Physical Environment Using exemplars gives students potential opportunities to demonstrate their thinking. Teachers guide them to examine the qualities of thinking within the exemplars and advise them to avoid mimicking what they’re seeing, hearing, or touching.
Expectations Setting learning intentions, success criteria, and the progression to proficiency solidifies expectations for success. When teachers put in place these clear expectations for performance at a greater depth of knowledge, they make it clear to students that memorization and recall fall short of the ultimate goal.

These forces are integral to every teachers’ efforts to be precise yet flexible in all assessment efforts. The eight cultural forces must be considered as teachers implement any instructionally agile maneuver described in the following chapters. Any maneuver may work or not work to create a culture of learning, and it is often these forces that may prevent the maneuver from working well. Chapter 2 discusses how to engineer dialogue and engage in conversations to gather and respond to evidence of learning. Chapter 3 focuses on eliciting evidence through questioning. Observation is key to instructional agility, so chapter 4 explores this means of gathering evidence. Chapter 5 discusses mobilizing students to be instructionally agile on their own.
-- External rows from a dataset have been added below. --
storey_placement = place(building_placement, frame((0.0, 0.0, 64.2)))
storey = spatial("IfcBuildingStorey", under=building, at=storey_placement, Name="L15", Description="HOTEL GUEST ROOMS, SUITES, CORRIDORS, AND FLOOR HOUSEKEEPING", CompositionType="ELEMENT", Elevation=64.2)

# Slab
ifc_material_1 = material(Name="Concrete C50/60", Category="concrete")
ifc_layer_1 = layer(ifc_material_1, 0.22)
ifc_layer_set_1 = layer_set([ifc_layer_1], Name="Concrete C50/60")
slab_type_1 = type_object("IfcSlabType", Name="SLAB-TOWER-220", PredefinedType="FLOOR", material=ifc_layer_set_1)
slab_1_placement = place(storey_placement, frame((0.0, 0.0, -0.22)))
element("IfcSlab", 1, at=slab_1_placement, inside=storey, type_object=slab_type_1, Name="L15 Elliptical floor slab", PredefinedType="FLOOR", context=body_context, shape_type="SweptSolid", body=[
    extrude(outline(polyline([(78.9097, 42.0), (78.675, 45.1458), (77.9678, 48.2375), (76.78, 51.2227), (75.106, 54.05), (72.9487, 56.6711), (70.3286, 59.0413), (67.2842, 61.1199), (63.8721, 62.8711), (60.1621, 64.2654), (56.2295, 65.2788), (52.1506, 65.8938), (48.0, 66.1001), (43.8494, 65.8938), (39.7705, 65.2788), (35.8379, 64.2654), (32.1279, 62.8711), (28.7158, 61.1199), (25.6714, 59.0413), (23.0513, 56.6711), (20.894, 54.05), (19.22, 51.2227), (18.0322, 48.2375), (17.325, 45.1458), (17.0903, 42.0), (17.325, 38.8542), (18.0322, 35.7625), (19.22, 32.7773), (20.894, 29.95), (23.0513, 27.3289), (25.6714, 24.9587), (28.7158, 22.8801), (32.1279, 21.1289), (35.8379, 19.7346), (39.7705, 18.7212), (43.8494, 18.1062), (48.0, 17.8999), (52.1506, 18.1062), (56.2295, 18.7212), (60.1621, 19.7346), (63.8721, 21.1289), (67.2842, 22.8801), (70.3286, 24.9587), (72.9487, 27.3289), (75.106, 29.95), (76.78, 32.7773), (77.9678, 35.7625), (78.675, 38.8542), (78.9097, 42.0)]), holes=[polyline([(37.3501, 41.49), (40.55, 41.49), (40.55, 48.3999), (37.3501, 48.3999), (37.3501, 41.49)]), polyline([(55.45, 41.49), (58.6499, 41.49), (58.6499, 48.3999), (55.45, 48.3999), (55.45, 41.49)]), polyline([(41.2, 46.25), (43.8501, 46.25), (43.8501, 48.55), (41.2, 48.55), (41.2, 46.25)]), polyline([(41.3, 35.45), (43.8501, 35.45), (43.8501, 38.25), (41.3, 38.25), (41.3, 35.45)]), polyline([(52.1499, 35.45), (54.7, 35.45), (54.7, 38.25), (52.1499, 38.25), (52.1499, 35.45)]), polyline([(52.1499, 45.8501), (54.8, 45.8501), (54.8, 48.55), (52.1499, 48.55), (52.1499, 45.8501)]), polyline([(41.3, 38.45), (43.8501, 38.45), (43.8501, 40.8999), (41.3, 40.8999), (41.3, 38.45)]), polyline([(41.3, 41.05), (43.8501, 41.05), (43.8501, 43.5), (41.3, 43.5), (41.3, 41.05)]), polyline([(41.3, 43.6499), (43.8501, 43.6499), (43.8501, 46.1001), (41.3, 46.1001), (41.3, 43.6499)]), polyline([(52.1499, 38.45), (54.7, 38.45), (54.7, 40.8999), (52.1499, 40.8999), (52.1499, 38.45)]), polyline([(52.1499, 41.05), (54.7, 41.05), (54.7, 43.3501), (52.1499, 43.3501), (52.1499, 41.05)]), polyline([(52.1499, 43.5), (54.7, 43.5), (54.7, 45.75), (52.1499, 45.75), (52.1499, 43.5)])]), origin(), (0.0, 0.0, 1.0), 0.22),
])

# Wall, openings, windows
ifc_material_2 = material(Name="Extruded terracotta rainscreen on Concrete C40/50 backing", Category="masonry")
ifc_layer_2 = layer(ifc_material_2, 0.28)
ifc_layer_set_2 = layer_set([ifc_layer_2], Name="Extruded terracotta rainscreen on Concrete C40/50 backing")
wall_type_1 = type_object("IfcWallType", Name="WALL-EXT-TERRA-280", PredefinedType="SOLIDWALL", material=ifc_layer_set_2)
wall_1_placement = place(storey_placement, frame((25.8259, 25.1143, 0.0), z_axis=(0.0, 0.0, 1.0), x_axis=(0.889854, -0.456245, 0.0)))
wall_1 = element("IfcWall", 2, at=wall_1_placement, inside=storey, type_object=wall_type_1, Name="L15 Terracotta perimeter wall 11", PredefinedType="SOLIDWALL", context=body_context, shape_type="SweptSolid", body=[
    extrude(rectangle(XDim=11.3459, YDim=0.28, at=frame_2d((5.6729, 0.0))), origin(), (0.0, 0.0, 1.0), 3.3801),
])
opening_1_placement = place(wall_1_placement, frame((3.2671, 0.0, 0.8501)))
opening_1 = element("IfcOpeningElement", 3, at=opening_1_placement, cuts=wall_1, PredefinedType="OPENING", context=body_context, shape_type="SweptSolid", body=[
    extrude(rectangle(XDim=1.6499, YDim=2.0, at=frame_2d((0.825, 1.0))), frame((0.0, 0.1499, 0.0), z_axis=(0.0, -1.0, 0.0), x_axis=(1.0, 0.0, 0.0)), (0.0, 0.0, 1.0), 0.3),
Practicing is central to instructional agility, so chapter 6 illustrates various ways that practice provides opportunities for teachers to be instructionally agile. This includes shaping the role homework plays in instructional agility. Educators often debate the value of homework in supporting learning, so it’s necessary to tackle this important dilemma. Finally, chapter 7 discusses the broader context and how jurisdictions, districts, schools, and teams can be instructionally agile. The elements of these forces are front and center as teachers maximize the opportunity to be agile in response to every student, developing a rich culture of learning.
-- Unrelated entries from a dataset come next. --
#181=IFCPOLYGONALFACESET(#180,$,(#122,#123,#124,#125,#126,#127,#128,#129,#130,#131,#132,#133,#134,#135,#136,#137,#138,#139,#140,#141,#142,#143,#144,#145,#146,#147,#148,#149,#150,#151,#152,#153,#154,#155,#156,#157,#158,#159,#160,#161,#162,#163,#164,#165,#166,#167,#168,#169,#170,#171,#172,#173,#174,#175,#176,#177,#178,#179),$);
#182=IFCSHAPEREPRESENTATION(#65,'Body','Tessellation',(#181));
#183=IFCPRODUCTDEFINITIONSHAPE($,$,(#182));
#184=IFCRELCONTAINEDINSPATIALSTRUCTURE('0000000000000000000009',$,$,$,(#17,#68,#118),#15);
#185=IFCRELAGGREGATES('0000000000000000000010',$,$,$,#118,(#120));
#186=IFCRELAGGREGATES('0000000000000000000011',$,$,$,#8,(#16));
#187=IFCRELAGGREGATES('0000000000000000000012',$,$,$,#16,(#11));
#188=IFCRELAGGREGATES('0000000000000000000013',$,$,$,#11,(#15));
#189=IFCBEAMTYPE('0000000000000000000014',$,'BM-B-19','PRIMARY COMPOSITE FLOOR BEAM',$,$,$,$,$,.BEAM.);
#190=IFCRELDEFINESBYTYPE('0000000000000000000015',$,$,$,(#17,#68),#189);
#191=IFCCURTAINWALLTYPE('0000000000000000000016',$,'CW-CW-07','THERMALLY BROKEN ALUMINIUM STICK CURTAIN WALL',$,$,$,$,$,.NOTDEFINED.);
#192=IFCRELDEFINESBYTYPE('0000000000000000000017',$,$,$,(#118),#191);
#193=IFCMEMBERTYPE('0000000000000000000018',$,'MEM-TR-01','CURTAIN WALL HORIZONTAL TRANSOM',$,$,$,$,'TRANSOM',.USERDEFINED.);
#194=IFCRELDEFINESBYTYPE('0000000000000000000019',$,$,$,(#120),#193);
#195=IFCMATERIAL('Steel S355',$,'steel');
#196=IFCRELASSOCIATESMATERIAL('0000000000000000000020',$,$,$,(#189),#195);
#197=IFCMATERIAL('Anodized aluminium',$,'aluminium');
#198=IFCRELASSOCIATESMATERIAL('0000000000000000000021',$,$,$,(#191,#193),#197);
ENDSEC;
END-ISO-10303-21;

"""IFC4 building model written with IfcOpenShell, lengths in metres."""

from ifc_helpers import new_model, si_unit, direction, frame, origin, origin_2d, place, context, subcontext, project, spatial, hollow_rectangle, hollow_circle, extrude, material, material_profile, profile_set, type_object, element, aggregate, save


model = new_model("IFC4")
A Culture of Learning in Action

Instructional agility doesn’t just happen. Teachers must intentionally strive to be agile in response to the evidence of learning that they uncover during the assessment process. Planning for flexibility creates an assessment dichotomy with which teachers must become comfortable; the notion of planning for flexible responses seems odd and yet, it is the essence of instructional agility.

While it may seem like a paradox, instructional agility is anchored in the process of planning with precision, which leads to a response with maximum flexibility. Certainly, teachers cannot know how each student is going to respond to assessment opportunities, but they can anticipate the most typical understandings and misunderstandings students will demonstrate. Most teachers have a clear picture of the most likely results. The greater the precision in planning, the greater the opportunity in responding to meet each student’s needs. It is a front-back relationship—if teachers invest in front-end planning there is a back-end payoff of more effective and intentional instructional responses with higher achievement.

To create an instructionally agile learning environment, teachers can do a lot with design, interpretation, and response. While the remaining chapters in this book examine specific strategies teachers can use to intentionally elicit evidence and allow for maximum response agility, we explore the prerequisites in design, interpretation, and response in the following sections. We do not intend to explore each of the strategies in depth; rather, we explore strategies and prerequisites within the context of creating a culture of learning. It is one thing to have a friendly, engaging environment, but it’s quite another to go a step further to create a real culture that puts learning at the center of the student experience. From an assessment perspective, the following strategies and constructs make the words learning-centered culture a reality in the classroom: assessment design, accurate interpretation, and assessment response.

Assessment Design

Developing a culture of learning is an intentional process that begins with planning assessment outcomes. A true culture of learning makes learning the centerpiece of what students experience every day. This is the basis of the assessment architecture tenet. The following four criteria are crucial to developing a culture of learning.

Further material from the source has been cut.